Conduct EDA to explore the relationship between our response variable and each potential predictor. (1) For each graph, describe the relationship between the two variables. (2) Based on what you see in the graphs, how will you consider including that variable in your MLR (multiple linear regression) model for the client? (3) Make sure you have used our new grid technique for your graphs! You don't have to stack them all together, but make sure that each graph is in a grid with at least one other graph.
The next thing we need to do is check for multicollinearity, which means relationships among our explanatory variables.
Between numeric variables, we check for multicollinearity in a few ways. Generally, we create plots to explore the relationships among the explanatory variables that we think might be related. If the relationship is linear, we can then use correlation to assess the strength of the relationship.

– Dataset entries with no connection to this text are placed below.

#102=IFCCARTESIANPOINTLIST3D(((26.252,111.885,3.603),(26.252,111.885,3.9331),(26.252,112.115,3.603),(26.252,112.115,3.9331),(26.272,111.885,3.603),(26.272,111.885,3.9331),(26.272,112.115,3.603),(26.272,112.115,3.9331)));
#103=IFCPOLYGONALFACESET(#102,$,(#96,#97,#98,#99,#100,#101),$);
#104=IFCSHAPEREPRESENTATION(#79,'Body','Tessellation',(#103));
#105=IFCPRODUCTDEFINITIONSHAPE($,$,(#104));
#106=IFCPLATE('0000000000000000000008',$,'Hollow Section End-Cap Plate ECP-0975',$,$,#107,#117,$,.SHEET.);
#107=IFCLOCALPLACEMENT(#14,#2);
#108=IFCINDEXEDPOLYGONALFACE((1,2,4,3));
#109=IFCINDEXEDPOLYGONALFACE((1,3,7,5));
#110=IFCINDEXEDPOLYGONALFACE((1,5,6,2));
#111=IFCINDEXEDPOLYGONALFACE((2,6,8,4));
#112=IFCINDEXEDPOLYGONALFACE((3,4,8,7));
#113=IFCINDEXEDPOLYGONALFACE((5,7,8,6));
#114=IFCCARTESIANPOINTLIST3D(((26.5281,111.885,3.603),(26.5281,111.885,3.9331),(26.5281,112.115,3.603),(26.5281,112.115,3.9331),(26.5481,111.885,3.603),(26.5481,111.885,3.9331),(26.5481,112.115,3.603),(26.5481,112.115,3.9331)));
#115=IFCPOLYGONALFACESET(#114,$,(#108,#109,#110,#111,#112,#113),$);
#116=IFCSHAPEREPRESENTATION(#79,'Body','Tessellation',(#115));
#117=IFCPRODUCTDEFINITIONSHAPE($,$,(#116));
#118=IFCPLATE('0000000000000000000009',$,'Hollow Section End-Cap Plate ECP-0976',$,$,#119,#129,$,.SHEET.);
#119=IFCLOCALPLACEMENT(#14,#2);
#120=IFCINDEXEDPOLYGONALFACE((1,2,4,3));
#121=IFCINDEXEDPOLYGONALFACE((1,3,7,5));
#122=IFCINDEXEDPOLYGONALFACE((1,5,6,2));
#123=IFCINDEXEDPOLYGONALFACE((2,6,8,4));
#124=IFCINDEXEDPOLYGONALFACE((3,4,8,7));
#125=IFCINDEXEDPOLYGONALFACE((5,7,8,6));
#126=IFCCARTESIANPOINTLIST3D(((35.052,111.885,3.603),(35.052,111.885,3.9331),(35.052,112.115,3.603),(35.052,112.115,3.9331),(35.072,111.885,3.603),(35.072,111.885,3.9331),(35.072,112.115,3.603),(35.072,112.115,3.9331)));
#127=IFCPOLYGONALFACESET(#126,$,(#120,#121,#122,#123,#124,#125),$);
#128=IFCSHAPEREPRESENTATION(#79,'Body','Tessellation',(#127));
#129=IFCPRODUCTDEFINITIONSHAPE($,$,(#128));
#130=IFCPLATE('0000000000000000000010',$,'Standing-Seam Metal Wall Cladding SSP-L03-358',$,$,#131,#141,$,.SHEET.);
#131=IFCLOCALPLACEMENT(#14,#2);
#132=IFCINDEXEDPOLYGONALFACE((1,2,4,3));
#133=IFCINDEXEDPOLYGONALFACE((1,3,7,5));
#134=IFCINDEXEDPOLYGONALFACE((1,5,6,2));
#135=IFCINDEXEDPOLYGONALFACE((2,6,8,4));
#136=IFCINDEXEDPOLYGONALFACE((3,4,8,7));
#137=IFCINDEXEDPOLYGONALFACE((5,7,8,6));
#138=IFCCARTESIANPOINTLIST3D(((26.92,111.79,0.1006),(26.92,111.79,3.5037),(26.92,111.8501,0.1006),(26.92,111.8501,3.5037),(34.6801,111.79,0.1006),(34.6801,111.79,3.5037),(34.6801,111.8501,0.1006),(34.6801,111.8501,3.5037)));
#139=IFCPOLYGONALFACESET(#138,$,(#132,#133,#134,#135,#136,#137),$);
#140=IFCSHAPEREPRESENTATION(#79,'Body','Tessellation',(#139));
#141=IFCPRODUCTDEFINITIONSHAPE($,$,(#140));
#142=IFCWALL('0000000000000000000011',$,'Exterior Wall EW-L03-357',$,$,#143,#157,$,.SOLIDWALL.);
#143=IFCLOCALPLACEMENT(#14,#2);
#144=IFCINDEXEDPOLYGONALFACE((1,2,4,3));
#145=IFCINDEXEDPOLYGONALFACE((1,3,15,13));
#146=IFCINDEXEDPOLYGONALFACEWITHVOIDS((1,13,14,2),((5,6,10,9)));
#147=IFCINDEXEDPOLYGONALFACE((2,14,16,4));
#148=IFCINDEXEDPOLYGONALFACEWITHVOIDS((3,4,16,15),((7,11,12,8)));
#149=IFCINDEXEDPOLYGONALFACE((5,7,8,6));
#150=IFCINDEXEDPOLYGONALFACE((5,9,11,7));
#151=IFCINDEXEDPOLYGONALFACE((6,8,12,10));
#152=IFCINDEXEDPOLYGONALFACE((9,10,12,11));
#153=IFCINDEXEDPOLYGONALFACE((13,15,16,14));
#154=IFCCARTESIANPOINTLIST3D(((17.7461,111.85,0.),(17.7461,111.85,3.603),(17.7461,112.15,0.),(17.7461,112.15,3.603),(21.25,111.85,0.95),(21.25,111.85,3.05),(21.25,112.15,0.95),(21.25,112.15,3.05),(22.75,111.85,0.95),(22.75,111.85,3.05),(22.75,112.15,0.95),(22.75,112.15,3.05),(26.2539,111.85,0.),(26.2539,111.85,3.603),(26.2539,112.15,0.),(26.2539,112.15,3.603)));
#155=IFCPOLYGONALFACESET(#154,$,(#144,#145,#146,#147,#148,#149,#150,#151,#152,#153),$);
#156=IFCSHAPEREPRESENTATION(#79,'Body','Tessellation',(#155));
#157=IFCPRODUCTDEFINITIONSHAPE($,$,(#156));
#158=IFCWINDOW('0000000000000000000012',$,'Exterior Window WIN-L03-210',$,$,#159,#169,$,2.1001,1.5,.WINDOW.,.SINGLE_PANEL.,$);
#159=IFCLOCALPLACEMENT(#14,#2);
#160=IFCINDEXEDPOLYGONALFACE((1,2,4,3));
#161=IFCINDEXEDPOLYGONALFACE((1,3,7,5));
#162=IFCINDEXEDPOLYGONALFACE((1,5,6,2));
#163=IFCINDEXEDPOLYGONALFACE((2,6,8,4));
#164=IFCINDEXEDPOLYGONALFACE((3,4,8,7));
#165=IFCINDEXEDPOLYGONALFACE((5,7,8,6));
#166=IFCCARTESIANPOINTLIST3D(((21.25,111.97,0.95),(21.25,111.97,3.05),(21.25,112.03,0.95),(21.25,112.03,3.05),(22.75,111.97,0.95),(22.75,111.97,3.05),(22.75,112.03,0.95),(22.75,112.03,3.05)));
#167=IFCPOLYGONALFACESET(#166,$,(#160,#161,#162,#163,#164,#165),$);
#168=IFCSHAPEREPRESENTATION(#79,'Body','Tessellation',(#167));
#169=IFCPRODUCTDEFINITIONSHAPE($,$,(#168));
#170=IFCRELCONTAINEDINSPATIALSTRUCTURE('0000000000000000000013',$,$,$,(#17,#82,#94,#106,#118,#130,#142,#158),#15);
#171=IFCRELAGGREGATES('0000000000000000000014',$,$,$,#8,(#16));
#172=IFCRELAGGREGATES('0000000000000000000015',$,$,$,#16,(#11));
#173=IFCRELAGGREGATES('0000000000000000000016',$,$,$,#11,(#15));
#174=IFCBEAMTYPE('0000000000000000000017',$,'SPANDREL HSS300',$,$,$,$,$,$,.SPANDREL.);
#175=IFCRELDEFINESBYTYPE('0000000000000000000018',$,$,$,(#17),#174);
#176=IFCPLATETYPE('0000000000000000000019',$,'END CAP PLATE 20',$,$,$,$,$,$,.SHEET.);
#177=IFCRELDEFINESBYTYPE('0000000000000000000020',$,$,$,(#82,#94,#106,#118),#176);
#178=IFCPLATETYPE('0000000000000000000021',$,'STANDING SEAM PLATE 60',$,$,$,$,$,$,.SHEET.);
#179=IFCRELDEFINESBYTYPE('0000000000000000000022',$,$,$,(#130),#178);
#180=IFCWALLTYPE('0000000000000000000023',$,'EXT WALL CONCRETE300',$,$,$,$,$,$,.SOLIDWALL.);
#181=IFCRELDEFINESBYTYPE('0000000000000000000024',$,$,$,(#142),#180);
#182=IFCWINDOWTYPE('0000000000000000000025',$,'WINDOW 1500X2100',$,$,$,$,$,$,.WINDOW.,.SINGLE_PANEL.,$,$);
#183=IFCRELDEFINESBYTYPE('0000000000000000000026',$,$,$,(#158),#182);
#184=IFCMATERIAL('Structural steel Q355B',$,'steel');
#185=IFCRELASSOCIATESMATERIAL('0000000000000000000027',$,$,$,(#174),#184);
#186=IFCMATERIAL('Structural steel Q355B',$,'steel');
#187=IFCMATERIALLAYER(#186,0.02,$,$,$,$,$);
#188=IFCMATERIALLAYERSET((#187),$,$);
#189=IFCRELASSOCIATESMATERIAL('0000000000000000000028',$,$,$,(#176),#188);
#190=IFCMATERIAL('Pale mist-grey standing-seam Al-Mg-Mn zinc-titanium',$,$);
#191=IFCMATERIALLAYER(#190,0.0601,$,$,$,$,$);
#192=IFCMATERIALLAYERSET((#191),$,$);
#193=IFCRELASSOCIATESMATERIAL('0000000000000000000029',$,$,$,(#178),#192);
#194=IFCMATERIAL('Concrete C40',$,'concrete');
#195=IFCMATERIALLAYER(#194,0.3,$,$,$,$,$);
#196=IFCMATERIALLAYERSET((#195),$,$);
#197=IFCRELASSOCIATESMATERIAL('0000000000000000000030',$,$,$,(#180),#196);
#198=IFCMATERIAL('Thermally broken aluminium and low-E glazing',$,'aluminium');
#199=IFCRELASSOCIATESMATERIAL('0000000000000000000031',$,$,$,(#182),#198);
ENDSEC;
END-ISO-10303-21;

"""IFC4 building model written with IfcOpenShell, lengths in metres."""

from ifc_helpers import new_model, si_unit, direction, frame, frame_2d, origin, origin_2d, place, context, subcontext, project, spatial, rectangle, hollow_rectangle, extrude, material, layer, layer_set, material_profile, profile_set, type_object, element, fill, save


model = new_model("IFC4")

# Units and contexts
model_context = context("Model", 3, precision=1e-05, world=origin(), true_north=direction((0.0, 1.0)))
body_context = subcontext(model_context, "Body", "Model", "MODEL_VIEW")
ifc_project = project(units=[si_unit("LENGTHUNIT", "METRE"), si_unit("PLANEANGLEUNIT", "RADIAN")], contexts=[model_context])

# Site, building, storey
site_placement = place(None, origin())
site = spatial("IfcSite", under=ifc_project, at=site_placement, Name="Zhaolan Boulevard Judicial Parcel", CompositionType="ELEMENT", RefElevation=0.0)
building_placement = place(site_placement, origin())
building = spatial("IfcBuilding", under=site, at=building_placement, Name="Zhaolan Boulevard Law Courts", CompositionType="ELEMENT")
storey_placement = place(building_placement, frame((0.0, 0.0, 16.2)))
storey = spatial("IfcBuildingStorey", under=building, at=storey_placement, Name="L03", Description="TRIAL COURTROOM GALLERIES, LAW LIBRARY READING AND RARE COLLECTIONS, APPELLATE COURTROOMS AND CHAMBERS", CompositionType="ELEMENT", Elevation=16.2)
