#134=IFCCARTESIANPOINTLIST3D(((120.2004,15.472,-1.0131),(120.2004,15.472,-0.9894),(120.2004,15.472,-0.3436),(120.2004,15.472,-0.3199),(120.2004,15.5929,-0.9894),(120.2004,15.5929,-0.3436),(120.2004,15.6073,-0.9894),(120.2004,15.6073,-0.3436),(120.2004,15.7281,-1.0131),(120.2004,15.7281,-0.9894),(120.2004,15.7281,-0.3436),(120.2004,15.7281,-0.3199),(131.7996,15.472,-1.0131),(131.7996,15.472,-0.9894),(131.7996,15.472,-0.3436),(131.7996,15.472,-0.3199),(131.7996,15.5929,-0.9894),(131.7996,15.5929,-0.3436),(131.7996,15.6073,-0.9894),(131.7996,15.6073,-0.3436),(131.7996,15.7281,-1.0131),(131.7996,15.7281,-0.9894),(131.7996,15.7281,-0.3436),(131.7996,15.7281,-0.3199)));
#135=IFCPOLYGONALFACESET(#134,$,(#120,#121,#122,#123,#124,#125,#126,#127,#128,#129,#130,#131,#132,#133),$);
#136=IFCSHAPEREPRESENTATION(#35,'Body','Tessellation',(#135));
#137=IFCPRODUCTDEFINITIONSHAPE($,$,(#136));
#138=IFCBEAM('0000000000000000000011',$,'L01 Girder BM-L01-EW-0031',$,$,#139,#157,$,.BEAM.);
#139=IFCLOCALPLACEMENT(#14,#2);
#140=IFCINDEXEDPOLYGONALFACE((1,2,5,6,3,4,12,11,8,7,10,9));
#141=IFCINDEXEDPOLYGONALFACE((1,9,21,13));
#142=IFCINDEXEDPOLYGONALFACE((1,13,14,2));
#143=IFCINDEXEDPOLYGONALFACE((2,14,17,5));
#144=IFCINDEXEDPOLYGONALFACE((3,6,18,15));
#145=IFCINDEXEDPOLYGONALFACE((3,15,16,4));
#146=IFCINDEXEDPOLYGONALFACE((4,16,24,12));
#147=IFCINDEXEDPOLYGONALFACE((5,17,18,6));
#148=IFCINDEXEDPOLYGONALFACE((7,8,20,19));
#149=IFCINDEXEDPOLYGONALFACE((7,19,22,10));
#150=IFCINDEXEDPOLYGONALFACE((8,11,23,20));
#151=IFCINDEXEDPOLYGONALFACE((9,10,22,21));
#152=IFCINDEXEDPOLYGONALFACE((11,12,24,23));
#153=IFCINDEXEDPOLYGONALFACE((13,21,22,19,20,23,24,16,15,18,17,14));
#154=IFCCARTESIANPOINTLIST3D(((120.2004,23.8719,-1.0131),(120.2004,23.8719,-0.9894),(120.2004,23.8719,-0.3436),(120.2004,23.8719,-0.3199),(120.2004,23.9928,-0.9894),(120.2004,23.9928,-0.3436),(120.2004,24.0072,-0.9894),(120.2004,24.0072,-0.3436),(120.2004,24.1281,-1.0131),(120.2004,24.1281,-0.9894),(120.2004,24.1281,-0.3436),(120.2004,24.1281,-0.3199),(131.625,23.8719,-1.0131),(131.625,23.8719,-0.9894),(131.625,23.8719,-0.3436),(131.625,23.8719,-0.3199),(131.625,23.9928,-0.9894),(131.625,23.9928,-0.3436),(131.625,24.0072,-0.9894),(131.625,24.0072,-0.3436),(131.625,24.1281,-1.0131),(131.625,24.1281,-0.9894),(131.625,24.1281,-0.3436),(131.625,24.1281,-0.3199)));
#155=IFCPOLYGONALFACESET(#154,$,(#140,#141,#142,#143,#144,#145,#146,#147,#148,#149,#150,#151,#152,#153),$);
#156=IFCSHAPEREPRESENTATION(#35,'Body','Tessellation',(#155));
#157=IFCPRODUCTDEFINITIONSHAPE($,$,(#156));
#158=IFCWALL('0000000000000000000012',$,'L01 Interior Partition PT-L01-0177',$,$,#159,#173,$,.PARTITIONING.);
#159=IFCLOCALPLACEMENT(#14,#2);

Conduct EDA to explore the relationship between our numeric explanatory variables (hint: there are 3). (1) For each graph, explain whether or not you think multicollinearity is a concern. (2) If the relationship is linear, use correlation to verify. If a correlation is above .6 or .7, we generally consider that multicollinearity could be a concern. (3) Make sure you have used our new grid technique for your graphs! You don't have to stack them all together, but make sure that each graph is in a grid with at least one another.
At this stage, we have done a very thorough job of EDA, and are ready to start building a model!
Based on what you found in EDA, write down (using appropriate notation) the population form of the model you will like to start with. Note: There is no one right answer here.
Fit your chosen model to the data and show the R output. What is the adjusted R-squared of your model?
Now, we have just created what is called a rough model. This is the starting place in model building. Our job now is to decide if we need to refine our model. Is there anything we want to try adding in? Removing? Changing? We can do this for a variety of reasons, including if our conditions for inference are not met.
We have learned some techniques in class for helping us compare models - this is the time to use them!
Perform any refining steps you would like, but you must consider comparing your rough model to at least one other potential model (so removing something, adding something, etc.). Show your work for choosing between the two models.
Write down your final fitted model. Check all necessary conditions for your model. Show your work.
At this stage, we have chosen our model. It is time to use it to help the client. Recall that the client asked us to build a model that can be used to explain to other scientists what features are related to the body mass of penguins, and how these features are related to body mass.
This lab has given us a first glimpse of model selection and model comparison, a topic you will be exploring further in Project 3.